Elhuyar Fundazioa
English physicist born at Cheetham Hall near Manchester on December 18, 1856. At the age of fourteen he began his engineering studies at the Manchester school, but soon he was given the tendency to physics.
In 1876 he travelled to Cambridge with a scholarship and spent the years there until his death. He finished his career as a mathematician. Then in 1884, when he was only twenty-six, he was professor of physics for the retirement of John Rayleigh. He assumed responsibility for the Cavendish laboratory and was a good director in subatomic physics in the 20th century. At the beginning of the 20th century Britain was a pioneer.
Thomson began to work on Maxwell's electromagnetic radiation theory and then on cathodic rays. These rays were a new form of radiation, as they were not electromagnetic. William Crookes and other physicists demonstrated that cathodic rays were negatively charged particles, as the magnetic field diverted the rays. This test was not complete. To do this, the electric field should also divert the rays if they were formed by really charged particles.
Thomson demonstrated in 1897 that the electric field diverted cathodic rays using the tubes with the most perfect fault possible. Later it has been considered that cathodic rays are negatively charged particles. Thomson also measured the relationship between load and mass of cathodic ray particles. According to Faraday's electrochemical laws, if the electric charge was the minimum of the ions, the particle mass of the cathodic rays was much smaller than that of the hydrogen atom. Therefore, the particles of the cathodic rays were much smaller than the atoms and for the first time we could start talking about subatomic particles.
These subatomic particles were accepted as electrical current units. George Stoney had proposed the word electron for the hypothetical electrical unit and Hendrik Lorentz applied it to cathodic ray particles. As the last trial to demonstrate the presence of these particles in cathodic rays was conducted by Thomson, who demonstrated that the size of the particles was smaller than the atom, the discovery of the electron is attributed to Thomson. Today we also know that the mass of the electron is 1837 times smaller than that of the hydrogen atom.
For Thomson the electron was a universal component of matter. He therefore formulated one of the first theories on the internal structure of the atom. For Thomson the atom was a sphere of positive electricity in which negative electrons were located neutralizing the positive charge. This initial theory was soon replaced by another one devised by Thomson's student Ernest Rutherford. Rutherford's theory was logically more complete and useful.
In 1906 Thomson received the Nobel Prize in Physics for his work with the electron. In 1908 he obtained the title of Sir. In the field of the awards it must be said that Thomson taught famous students and seven of them subsequently received the Nobel Prize.
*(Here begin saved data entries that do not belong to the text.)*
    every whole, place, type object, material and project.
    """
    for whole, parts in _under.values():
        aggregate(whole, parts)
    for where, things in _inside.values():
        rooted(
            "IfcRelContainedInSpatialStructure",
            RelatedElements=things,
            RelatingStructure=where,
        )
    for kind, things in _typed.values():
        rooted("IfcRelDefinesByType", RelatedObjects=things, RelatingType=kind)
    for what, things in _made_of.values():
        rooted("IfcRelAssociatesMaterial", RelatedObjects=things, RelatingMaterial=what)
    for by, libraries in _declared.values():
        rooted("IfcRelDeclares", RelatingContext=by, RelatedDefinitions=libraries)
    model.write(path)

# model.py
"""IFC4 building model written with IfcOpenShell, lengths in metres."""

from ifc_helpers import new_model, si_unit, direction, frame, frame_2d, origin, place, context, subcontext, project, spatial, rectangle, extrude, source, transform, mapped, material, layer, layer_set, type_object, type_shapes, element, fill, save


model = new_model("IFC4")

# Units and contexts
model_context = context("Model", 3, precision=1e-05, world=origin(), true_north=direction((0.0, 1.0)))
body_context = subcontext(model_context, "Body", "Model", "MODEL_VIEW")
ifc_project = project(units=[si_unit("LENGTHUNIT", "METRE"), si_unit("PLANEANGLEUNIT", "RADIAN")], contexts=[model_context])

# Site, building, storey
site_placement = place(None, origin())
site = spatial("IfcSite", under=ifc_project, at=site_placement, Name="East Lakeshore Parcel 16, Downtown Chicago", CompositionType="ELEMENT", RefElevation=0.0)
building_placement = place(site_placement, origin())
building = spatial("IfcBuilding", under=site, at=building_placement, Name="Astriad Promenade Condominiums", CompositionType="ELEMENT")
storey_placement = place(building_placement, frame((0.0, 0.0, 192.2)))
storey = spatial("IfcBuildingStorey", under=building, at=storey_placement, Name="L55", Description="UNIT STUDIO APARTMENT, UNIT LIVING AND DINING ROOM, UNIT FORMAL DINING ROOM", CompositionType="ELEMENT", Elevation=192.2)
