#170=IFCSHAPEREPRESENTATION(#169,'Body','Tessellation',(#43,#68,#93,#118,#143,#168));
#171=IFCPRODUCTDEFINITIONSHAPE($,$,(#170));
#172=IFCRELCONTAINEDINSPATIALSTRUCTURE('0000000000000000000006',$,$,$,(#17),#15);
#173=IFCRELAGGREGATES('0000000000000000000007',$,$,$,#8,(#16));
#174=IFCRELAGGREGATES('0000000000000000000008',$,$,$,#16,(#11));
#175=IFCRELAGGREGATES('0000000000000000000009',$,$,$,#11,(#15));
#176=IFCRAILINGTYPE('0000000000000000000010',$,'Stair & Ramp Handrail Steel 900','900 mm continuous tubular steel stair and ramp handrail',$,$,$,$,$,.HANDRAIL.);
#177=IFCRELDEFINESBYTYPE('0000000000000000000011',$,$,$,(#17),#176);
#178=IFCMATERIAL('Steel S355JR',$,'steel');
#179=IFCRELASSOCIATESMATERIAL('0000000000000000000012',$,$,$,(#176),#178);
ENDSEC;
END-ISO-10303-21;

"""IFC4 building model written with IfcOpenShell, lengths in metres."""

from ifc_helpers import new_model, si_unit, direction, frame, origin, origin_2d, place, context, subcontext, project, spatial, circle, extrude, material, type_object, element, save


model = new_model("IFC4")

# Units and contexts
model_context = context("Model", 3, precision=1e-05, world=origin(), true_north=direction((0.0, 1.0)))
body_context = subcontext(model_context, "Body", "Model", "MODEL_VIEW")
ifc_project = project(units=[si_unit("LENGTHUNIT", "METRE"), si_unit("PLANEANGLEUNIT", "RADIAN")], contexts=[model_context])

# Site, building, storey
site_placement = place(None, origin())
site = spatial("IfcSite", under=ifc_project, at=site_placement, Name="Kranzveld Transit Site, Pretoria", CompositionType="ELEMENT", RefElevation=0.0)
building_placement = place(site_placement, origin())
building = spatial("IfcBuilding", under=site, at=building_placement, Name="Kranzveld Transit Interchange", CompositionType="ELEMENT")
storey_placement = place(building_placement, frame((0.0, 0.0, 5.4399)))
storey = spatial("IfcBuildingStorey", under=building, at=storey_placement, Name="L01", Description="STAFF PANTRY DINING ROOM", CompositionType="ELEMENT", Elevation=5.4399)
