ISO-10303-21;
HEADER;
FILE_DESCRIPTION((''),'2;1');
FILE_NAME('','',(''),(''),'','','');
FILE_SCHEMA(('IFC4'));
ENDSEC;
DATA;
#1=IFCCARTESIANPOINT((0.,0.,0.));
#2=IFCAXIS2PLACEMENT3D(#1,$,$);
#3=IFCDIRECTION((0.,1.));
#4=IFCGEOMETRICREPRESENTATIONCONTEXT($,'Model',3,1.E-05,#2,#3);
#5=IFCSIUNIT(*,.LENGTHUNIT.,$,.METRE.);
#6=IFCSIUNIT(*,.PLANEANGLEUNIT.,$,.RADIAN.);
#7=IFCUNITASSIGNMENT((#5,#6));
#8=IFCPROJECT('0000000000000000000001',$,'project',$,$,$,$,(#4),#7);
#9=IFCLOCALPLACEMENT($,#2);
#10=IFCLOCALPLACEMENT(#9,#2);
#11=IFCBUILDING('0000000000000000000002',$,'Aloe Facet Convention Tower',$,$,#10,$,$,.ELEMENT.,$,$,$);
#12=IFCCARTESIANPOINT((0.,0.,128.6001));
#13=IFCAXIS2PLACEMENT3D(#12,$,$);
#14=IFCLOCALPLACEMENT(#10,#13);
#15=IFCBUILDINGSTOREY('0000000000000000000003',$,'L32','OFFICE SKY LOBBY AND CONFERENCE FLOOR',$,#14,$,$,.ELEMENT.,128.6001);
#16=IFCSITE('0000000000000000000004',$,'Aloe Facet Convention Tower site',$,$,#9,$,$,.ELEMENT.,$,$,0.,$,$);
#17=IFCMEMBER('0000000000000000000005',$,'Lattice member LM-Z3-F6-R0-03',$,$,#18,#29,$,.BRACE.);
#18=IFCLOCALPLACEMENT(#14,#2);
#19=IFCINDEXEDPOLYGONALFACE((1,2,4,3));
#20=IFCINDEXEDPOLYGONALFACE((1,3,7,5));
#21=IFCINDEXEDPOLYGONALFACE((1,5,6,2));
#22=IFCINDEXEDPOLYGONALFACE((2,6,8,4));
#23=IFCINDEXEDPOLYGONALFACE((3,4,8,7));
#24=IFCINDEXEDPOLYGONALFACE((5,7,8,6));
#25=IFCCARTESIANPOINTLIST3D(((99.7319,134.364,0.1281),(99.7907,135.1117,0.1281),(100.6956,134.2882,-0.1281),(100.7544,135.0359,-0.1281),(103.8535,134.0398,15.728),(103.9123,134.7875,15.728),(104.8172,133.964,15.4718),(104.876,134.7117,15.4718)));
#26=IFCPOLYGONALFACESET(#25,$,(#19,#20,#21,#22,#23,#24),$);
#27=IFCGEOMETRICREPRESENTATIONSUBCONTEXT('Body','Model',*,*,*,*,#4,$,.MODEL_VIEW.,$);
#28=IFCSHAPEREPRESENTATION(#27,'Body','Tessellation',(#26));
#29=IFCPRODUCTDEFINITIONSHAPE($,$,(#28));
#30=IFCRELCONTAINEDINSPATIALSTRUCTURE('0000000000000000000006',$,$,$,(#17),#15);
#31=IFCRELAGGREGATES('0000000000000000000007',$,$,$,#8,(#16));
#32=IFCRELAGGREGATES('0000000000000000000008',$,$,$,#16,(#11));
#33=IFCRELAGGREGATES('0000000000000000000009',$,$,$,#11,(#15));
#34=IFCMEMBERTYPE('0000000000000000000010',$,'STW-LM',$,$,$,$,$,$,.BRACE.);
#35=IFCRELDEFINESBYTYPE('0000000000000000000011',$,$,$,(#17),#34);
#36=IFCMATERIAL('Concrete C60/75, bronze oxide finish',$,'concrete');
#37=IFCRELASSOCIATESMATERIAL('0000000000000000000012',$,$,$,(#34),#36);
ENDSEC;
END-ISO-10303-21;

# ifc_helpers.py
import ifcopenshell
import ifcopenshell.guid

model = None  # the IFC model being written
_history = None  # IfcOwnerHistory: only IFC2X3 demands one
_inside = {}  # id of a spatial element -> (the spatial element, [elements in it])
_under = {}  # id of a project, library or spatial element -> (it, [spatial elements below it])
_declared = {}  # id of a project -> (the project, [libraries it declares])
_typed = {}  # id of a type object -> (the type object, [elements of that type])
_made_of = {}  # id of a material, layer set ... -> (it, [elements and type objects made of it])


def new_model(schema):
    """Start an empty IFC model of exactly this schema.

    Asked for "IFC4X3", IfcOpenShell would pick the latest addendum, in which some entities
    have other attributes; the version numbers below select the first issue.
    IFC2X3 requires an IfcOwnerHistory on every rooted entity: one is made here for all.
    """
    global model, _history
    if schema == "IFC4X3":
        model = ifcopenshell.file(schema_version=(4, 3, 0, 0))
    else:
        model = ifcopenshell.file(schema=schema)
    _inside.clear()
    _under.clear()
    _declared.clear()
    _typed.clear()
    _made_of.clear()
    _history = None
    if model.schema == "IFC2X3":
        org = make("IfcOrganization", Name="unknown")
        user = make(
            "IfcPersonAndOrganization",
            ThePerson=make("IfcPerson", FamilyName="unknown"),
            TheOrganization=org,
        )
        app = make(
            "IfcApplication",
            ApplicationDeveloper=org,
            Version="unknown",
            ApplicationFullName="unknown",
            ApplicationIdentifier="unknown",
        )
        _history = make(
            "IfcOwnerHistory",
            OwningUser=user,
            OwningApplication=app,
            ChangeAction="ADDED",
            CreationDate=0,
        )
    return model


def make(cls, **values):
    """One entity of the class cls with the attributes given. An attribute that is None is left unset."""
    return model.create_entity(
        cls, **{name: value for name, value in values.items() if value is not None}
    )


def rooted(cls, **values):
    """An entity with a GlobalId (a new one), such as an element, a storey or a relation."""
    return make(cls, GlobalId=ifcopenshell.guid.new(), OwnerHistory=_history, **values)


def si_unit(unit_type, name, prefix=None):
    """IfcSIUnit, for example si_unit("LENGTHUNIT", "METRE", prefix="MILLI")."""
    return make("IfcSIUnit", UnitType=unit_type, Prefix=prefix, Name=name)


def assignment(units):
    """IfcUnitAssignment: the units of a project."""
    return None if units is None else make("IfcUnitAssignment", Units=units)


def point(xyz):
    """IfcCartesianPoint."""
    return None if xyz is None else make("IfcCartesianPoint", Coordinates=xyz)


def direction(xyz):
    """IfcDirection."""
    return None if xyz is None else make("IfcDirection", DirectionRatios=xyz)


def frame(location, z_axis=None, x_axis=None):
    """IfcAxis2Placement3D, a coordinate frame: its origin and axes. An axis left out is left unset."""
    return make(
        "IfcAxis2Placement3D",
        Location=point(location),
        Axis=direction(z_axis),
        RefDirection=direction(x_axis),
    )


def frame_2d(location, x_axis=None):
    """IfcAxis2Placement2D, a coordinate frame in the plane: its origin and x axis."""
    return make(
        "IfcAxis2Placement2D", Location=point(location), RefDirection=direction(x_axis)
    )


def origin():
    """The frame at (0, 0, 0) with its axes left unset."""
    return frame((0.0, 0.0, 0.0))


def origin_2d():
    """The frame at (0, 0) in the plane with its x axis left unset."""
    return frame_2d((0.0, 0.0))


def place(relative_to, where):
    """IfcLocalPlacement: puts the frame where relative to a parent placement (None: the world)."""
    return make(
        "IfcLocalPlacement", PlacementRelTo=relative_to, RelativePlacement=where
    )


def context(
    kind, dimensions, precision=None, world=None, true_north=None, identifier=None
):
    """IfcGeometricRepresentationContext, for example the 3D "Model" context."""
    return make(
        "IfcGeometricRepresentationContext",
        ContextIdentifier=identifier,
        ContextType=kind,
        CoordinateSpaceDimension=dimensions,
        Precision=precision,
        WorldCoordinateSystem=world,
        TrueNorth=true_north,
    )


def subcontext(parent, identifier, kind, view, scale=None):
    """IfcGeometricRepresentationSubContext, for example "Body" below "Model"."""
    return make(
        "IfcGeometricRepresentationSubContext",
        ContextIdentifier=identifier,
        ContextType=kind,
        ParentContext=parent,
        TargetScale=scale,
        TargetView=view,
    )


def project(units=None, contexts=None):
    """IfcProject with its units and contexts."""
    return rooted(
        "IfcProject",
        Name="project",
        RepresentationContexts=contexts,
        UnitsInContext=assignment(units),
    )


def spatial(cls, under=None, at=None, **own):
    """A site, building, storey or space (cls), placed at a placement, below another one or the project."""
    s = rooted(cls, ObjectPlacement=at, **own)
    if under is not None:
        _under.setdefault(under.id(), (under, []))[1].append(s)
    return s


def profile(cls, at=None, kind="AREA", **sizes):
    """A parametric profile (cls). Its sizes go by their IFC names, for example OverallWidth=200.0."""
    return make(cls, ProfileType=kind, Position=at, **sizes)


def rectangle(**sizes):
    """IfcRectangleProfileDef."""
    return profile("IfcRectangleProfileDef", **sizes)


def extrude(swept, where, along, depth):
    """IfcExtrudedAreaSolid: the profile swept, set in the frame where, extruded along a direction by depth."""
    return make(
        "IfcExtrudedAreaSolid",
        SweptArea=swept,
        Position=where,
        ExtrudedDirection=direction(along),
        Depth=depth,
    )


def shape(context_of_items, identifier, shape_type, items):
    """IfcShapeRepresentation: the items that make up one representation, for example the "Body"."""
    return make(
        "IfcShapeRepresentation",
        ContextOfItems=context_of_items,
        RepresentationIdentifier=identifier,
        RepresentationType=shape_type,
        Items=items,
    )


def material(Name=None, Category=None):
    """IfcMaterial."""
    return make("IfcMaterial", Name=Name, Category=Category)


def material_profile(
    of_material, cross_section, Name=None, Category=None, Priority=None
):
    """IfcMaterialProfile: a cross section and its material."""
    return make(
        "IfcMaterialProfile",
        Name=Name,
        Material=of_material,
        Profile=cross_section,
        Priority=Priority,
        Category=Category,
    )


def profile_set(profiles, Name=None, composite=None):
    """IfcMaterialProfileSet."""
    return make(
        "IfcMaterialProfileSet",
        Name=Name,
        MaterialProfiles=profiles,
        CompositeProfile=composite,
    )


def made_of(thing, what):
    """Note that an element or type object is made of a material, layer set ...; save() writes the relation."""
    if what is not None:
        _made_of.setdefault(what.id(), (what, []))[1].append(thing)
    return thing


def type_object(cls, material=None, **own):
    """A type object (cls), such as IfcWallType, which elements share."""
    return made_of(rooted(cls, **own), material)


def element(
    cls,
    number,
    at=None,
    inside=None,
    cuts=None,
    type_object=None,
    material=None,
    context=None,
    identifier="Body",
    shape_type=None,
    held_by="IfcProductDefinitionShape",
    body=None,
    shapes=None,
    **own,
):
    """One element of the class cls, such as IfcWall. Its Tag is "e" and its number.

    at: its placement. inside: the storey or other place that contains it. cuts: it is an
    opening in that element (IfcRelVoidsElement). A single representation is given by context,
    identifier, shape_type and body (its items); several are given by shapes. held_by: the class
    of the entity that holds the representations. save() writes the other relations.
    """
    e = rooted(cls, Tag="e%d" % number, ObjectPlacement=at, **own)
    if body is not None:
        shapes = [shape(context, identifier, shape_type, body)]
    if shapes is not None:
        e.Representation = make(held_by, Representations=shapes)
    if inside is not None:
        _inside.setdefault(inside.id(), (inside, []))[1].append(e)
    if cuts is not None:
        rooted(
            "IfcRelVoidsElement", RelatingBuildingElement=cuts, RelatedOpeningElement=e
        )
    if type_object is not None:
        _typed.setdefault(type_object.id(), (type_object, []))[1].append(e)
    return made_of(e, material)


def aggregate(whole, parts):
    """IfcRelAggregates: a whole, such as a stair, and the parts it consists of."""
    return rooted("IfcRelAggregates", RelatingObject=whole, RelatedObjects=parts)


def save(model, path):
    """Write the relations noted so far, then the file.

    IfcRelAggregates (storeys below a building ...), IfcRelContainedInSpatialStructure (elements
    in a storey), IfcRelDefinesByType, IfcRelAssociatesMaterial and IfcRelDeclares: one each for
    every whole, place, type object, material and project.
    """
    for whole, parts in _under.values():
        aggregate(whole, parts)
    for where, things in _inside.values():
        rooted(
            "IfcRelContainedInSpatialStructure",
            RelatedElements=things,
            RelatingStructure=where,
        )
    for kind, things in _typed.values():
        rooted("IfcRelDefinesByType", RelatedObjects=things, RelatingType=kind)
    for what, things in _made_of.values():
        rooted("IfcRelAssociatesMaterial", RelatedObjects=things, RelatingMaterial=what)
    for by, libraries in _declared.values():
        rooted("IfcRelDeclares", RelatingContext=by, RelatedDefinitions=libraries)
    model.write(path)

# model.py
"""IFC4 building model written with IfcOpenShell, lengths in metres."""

from ifc_helpers import new_model, si_unit, direction, frame, origin, origin_2d, place, context, subcontext, project, spatial, rectangle, extrude, material, material_profile, profile_set, type_object, element, save


model = new_model("IFC4")

# Units and contexts
model_context = context("Model", 3, precision=1e-05, world=origin(), true_north=direction((0.0, 1.0)))
body_context = subcontext(model_context, "Body", "Model", "MODEL_VIEW")
ifc_project = project(units=[si_unit("LENGTHUNIT", "METRE"), si_unit("PLANEANGLEUNIT", "RADIAN")], contexts=[model_context])

# Site, building, storey
site_placement = place(None, origin())
site = spatial("IfcSite", under=ifc_project, at=site_placement, Name="Aloe Facet Convention Tower site", CompositionType="ELEMENT", RefElevation=0.0)
building_placement = place(site_placement, origin())
building = spatial("IfcBuilding", under=site, at=building_placement, Name="Aloe Facet Convention Tower", CompositionType="ELEMENT")
storey_placement = place(building_placement, frame((0.0, 0.0, 128.6001)))
storey = spatial("IfcBuildingStorey", under=building, at=storey_placement, Name="L32", Description="OFFICE SKY LOBBY AND CONFERENCE FLOOR", CompositionType="ELEMENT", Elevation=128.6001)

# Member
ifc_material_1 = material(Name="Concrete C60/75, bronze oxide finish", Category="concrete")
ifc_material_profile_1 = material_profile(ifc_material_1, rectangle(XDim=0.75, YDim=1.0, at=origin_2d()), Name="STW-LM")
ifc_profile_set_1 = profile_set([ifc_material_profile_1], Name="Concrete C60/75, bronze oxide finish")
member_type = type_object("IfcMemberType", Name="STW-LM", PredefinedType="BRACE", material=ifc_profile_set_1)
member_1_placement = place(storey_placement, frame((100.2432, 134.7, 0.0), z_axis=(0.25539, -0.02009, 0.966629), x_axis=(0.078421, 0.99692, 0.0)))
element("IfcMember", 1, at=member_1_placement, inside=storey, type_object=member_type, Name="Lattice member LM-Z3-F6-R0-03", PredefinedType="BRACE", context=body_context, shape_type="SweptSolid", body=[
    extrude(rectangle(XDim=0.75, YDim=1.0, at=origin_2d()), origin(), (0.0, 0.0, 1.0), 16.1384),
])

save(model, "model.ifc")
Since 1906 he took over the Thomson ray channels, the rays that Eugen Goldstein found twenty years earlier. By forming a positively charged ion flow, he called them positive rays.
Thomson diverted the ray channels by magnetic and electric fields. Ions with different load/mass ratio printed different aspects of the photographic plate. In 1912 he was able to verify that the neon gas ions fell to two distinct points, as if it were a mixture of ions of two different types, as if it were a mixture of ions of different charge, mass or both. Frederick Soddy suggested that there could be isotopes. Isotopes are atoms whose mass is exclusively atomic.
Thomson collected in his essay the traces of what the neon could contain isotopes. Later, his disciple Francis William Aston continued these investigations, clearly demonstrating the existence of isotopes.
Thomson died in Cambridge on 30 August 1940, the eve of the famous battle of England. His body was buried in Westminster Abbey next to Newton's tomb more than fifty years ago.